Why was now the right time for a kōrero on the purpose and values of our food system?
COVID-19 highlighted structural vulnerabilities, including a sharp rise in food insecurity (estimated up to 33% above the pre-pandemic 15% rate). Increased living costs and pressure on domestic supply underscored inequities. Environmental stresses were also noted, including 192 million tonnes of soil loss annually, over 80% of native land vertebrates threatened, and agricultural emissions representing 48% of national greenhouse gases. These developments demonstrated the need for systemic change.
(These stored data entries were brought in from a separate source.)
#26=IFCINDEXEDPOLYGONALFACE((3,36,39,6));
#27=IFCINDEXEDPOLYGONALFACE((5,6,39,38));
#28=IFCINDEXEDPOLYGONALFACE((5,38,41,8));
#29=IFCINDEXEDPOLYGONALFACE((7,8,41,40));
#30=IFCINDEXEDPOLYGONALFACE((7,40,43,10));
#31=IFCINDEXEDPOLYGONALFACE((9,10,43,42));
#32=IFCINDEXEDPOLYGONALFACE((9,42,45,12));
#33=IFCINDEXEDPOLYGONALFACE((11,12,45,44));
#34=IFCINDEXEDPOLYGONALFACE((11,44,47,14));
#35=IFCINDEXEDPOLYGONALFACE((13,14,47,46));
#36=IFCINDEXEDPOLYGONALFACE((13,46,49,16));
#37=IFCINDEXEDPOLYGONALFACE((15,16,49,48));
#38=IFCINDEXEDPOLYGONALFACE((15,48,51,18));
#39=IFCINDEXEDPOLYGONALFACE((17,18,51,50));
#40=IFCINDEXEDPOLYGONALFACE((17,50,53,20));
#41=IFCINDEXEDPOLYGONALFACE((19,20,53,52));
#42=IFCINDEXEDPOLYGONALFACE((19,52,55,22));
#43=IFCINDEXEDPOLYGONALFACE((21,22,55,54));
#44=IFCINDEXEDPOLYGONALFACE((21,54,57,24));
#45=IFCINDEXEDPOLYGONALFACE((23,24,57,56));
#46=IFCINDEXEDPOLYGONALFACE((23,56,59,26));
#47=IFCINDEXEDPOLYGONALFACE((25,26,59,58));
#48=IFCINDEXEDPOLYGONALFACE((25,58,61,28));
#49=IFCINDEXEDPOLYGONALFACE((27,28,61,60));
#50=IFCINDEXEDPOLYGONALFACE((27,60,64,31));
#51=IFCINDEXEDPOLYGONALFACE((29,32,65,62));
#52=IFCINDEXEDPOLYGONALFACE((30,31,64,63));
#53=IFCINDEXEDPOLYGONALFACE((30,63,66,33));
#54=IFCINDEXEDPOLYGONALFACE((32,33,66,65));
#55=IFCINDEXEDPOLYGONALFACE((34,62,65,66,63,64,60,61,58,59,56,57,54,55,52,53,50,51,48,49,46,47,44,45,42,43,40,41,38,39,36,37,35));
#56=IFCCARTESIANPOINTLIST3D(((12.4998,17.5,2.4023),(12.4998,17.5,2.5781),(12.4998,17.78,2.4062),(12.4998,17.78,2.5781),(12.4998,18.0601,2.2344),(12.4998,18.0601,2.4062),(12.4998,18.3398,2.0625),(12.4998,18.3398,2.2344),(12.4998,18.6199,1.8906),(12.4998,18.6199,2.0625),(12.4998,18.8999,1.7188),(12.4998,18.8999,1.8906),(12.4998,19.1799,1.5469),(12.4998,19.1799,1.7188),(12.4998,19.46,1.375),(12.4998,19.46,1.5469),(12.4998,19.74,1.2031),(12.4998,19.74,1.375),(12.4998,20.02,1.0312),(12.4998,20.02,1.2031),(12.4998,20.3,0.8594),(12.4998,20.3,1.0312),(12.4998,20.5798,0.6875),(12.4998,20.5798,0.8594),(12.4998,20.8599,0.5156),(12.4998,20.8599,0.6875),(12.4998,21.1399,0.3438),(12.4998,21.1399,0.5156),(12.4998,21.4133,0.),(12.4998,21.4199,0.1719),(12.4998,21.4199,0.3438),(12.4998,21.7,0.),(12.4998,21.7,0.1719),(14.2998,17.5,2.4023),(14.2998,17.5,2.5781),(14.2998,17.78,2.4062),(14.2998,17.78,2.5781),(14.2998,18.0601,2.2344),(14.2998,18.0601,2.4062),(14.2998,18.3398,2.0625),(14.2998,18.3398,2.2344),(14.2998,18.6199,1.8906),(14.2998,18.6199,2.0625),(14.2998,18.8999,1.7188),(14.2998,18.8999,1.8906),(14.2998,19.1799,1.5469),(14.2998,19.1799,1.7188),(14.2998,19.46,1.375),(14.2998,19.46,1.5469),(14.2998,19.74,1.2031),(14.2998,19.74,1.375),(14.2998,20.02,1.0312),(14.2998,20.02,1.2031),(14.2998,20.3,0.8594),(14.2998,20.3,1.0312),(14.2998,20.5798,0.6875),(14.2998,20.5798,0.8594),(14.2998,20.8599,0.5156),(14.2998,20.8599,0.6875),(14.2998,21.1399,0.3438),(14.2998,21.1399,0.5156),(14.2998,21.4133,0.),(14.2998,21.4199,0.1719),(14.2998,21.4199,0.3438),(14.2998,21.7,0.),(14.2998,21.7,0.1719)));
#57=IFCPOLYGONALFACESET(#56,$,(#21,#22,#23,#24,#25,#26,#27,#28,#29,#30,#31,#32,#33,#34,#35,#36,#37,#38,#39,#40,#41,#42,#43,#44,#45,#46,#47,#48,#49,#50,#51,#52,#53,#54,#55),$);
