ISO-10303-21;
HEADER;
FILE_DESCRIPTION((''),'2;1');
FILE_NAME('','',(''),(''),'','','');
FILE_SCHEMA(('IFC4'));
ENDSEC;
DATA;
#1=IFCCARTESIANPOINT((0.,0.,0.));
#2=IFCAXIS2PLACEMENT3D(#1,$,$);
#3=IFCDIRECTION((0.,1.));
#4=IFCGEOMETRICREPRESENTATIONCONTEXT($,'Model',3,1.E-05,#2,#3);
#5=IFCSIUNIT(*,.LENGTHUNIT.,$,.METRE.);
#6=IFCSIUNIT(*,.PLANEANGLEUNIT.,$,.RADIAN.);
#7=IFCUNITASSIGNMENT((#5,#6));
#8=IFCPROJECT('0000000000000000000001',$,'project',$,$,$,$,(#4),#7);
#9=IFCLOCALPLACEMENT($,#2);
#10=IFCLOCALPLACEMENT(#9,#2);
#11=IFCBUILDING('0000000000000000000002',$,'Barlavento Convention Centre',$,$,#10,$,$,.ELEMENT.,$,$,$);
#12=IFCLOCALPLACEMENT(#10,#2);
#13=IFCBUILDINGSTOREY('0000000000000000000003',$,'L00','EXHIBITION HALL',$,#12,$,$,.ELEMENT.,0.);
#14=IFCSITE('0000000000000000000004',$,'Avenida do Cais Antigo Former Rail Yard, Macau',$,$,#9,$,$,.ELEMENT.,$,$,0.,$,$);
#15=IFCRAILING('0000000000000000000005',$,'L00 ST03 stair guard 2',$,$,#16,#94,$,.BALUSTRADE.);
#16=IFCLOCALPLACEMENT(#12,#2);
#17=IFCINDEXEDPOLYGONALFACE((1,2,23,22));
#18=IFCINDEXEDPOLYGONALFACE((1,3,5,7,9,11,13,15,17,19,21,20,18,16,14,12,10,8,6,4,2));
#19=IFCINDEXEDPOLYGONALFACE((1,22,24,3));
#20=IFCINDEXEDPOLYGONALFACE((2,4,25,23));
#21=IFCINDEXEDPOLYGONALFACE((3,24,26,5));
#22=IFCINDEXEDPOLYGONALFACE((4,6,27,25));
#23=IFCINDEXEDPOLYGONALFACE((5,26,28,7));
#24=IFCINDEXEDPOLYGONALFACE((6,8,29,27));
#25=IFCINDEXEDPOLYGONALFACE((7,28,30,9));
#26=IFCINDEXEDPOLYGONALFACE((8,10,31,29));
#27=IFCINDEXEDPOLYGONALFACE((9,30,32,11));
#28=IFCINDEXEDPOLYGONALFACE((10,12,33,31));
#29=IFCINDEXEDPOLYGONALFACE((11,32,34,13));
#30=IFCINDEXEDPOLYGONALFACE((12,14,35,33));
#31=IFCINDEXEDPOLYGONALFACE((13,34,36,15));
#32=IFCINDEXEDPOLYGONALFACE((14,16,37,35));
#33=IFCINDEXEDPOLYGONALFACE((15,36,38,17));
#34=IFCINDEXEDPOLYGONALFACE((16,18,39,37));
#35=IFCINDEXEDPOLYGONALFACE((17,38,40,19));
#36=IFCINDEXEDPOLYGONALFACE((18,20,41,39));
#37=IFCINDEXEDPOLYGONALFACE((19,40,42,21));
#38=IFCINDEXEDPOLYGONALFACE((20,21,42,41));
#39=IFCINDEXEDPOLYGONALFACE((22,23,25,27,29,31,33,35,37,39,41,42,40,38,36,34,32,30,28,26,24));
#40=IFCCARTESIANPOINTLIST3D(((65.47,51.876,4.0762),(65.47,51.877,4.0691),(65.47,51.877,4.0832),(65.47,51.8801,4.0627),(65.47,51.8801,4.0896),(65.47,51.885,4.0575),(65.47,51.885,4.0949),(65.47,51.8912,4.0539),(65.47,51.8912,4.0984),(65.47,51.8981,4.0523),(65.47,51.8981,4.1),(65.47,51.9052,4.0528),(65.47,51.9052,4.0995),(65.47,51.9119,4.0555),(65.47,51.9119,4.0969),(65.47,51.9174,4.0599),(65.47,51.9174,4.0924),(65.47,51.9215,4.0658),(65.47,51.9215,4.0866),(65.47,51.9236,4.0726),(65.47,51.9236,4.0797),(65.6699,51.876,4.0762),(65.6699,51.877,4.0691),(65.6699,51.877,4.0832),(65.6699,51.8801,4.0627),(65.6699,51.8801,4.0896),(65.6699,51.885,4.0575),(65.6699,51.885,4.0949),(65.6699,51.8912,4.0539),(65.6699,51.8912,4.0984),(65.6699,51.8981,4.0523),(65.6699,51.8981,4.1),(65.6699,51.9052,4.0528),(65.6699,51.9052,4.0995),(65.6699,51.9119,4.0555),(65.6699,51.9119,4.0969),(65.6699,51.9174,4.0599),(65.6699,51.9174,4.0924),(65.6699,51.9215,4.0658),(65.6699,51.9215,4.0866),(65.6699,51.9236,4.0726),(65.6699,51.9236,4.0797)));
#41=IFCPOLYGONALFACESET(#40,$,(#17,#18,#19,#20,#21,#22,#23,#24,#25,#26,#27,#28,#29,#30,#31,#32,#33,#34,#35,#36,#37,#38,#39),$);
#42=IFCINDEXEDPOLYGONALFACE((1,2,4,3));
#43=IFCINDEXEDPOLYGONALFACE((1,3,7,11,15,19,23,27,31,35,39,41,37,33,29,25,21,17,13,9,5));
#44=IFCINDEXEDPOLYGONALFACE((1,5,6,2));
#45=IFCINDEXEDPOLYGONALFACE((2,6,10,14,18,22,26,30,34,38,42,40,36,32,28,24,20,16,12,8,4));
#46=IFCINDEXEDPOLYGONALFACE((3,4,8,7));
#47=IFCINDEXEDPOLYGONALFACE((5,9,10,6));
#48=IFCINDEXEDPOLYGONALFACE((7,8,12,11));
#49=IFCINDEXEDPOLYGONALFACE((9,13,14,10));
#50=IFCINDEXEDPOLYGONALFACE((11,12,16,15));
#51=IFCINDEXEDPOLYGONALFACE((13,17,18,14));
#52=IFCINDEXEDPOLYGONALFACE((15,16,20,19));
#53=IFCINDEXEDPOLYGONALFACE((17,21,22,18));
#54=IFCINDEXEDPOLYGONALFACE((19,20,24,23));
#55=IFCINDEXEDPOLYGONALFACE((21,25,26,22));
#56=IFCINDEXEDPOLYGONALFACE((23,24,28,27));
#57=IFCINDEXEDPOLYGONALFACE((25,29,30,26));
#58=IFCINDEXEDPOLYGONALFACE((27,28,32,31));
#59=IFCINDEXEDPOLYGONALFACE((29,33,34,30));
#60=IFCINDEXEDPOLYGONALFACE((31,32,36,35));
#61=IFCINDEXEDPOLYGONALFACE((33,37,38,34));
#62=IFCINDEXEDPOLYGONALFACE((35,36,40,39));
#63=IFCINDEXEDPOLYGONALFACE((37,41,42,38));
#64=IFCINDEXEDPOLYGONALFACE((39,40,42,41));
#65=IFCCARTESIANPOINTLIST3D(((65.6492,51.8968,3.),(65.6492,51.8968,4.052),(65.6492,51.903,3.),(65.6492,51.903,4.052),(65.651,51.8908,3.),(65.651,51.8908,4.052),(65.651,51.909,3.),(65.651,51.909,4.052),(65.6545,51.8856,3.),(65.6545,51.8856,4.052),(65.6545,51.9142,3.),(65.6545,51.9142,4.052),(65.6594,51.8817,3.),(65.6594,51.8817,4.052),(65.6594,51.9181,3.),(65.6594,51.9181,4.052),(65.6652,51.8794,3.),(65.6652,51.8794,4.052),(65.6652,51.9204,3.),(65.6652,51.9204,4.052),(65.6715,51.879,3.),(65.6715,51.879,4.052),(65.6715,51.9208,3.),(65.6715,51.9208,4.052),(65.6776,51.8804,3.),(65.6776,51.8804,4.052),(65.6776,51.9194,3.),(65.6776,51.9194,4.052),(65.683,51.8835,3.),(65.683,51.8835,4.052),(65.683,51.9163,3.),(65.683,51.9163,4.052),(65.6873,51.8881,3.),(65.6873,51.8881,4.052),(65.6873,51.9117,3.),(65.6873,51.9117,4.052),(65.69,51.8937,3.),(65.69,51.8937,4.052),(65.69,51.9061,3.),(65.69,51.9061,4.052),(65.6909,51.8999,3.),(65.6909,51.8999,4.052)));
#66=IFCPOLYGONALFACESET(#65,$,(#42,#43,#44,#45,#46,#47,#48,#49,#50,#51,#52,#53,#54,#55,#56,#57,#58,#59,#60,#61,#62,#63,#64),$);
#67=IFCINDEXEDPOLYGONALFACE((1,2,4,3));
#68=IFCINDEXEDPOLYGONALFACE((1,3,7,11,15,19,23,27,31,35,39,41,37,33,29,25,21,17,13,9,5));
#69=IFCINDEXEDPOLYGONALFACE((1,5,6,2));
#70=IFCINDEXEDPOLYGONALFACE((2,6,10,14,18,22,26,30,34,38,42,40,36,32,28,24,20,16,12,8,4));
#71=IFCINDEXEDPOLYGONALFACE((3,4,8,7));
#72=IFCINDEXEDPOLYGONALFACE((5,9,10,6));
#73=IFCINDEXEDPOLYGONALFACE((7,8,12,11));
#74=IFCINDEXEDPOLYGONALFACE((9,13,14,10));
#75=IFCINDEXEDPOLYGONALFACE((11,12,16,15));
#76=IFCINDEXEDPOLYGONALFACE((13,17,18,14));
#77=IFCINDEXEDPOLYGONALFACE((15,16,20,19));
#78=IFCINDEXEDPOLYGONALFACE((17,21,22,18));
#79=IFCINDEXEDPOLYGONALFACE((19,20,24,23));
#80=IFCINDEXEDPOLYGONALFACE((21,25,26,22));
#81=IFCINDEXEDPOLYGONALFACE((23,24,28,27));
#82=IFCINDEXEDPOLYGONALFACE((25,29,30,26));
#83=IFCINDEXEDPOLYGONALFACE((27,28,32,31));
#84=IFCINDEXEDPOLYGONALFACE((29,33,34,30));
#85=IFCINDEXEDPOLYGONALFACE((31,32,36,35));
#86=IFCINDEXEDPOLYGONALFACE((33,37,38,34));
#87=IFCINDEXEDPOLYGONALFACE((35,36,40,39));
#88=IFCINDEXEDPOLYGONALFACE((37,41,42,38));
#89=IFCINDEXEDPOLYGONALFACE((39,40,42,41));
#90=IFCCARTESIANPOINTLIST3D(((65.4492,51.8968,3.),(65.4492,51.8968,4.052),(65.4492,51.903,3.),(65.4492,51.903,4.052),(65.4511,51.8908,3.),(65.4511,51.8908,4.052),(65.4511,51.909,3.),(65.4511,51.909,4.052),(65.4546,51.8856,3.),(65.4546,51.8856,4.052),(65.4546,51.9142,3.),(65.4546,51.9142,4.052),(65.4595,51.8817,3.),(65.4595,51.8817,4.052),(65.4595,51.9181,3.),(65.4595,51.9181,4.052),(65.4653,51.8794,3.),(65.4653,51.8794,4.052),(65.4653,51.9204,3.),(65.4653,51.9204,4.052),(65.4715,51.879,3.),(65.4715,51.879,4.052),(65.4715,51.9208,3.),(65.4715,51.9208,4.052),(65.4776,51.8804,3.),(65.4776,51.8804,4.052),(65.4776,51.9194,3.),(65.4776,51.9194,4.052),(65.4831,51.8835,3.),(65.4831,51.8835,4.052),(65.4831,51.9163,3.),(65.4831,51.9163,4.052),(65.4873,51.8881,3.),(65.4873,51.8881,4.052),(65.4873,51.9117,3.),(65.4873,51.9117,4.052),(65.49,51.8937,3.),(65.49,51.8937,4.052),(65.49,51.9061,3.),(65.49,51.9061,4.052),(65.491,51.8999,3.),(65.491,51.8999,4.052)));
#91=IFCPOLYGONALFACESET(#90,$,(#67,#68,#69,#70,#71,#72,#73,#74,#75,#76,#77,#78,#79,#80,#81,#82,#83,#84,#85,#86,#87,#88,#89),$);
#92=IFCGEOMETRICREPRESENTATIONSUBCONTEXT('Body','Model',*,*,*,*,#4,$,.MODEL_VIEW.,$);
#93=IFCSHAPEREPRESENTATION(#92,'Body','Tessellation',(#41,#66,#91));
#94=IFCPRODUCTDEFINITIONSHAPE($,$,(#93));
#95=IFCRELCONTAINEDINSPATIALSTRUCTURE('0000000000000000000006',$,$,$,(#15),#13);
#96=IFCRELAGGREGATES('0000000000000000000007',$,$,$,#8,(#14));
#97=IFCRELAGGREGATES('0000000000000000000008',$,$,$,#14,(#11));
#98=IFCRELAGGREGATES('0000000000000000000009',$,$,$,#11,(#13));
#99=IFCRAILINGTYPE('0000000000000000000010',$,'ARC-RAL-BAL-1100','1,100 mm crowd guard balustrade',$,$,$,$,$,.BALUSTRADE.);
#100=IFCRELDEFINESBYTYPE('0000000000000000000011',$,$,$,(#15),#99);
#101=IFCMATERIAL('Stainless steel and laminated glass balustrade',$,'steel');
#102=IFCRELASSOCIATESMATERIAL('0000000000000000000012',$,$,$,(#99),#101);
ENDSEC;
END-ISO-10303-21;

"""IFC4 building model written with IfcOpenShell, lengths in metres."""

from ifc_helpers import new_model, si_unit, direction, frame, origin, origin_2d, place, context, subcontext, project, spatial, circle, extrude, material, type_object, element, save


model = new_model("IFC4")

# Units and contexts
model_context = context("Model", 3, precision=1e-05, world=origin(), true_north=direction((0.0, 1.0)))
body_context = subcontext(model_context, "Body", "Model", "MODEL_VIEW")
ifc_project = project(units=[si_unit("LENGTHUNIT", "METRE"), si_unit("PLANEANGLEUNIT", "RADIAN")], contexts=[model_context])

# Site, building, storey
site_placement = place(None, origin())
site = spatial("IfcSite", under=ifc_project, at=site_placement, Name="Avenida do Cais Antigo Former Rail Yard, Macau", CompositionType="ELEMENT", RefElevation=0.0)
building_placement = place(site_placement, origin())
building = spatial("IfcBuilding", under=site, at=building_placement, Name="Barlavento Convention Centre", CompositionType="ELEMENT")
storey_placement = place(building_placement, origin())
storey = spatial("IfcBuildingStorey", under=building, at=storey_placement, Name="L00", Description="EXHIBITION HALL", CompositionType="ELEMENT", Elevation=0.0)

# Railing
ifc_material_1 = material(Name="Stainless steel and laminated glass balustrade", Category="steel")
railing_type_1 = type_object("IfcRailingType", Name="ARC-RAL-BAL-1100", Description="1,100 mm crowd guard balustrade", PredefinedType="BALUSTRADE", material=ifc_material_1)
railing_1_placement = place(storey_placement, frame((65.6699, 51.8999, 3.0)))
element("IfcRailing", 1, at=railing_1_placement, inside=storey, type_object=railing_type_1, Name="L00 ST03 stair guard 2", PredefinedType="BALUSTRADE", context=body_context, shape_type="SweptSolid", body=[
    extrude(circle(Radius=0.0239, at=origin_2d()), frame((0.0, 0.0, 1.0762), z_axis=(-1.0, 0.0, 0.0), x_axis=(0.0, -1.0, 0.0)), (0.0, 0.0, 1.0), 0.2),
    extrude(circle(Radius=0.021, at=origin_2d()), origin(), (0.0, 0.0, 1.0), 1.052),
    extrude(circle(Radius=0.021, at=origin_2d()), frame((-0.2, 0.0, 0.0)), (0.0, 0.0, 1.0), 1.052),
])

save(model, "model.ifc")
Mana kai: a te ao māori framing for Aotearoa New Zealand’s food system
The framing draws on Atua (spiritual connection), Tuakana/Teina (humans as junior to nature) and Ngā Nuinga (ensuring abundance for all). It positions food as a source of mana, connecting environmental care with societal wellbeing. Mana Kai emphasises responsibility to protect the environment so it can, in turn, sustain people.
What we heard during the dialogues
Participants consistently called for regenerative production, equitable food access, and improved nutrition and health outcomes. Many noted two parallel food systems: a high-quality export system and a less resilient domestic one. Contributors raised concerns about inadequate data, limited nutrition knowledge, food affordability pressures, and reliance on imported foods of variable quality. Issues such as land-use change, innovation gaps, supply-chain fragility, and the impacts of export dependence were also highlighted.
The values that underpin our food system explored
The report discusses each value in detail:
- Tuakana/Teina (Mana o te Taiao): Emphasis on environmental regeneration, regulatory clarity and improved incentives for nature-positive practices.
- Atua: Focus on protecting mauri in food, limiting unnecessary processing, and ensuring quality from production to consumption.
- Ngā Nuinga: Ensuring equitable access to nutritious food, halving food waste by 2030, and strengthening community-led food security initiatives.
- Mātauranga: Integrating indigenous knowledge and world-class science, encouraging biotechnology discussions, and increasing innovation investment to at least 2% of producer-gate value.
- Manaakitanga: Ensuring no food poverty by 2035 and strengthening the hospitality sector’s role in community wellbeing.
- Rangatiratanga: Improving governance capability, ensuring diversity of leadership, and embedding Te Tiriti principles in food system governance.
- Ohaoha: Supporting economic prosperity, creating 25,000 new “future fit” jobs by 2030, and increasing export value by 25% through Mana Kai-aligned production.
Tikanga: Developing a national tikanga code and celebrating food culture through an annual Matariki food festival.
Hauora: Improving health outcomes through sustainable eating guidelines by 2030, and reducing obesity, malnutrition and food insecurity by half by 2030.
Actions to accelerate towards the food system we aspire to
The report identifies eight priority actions: establishing the Mana Kai Pou; a community food platform; mission-led science; healthy-sustainable eating guidelines; enhanced food-in-schools programmes; ocean-legacy initiatives; a national biotechnology conversation; and pathways for regenerative farming.
What comes next for mana kai?
The report proposes a national movement rather than a formal entity, encouraging organisations and individuals to opt in, make verifiable pledges, and collaborate to advance system change aligned with the Mana Kai framework.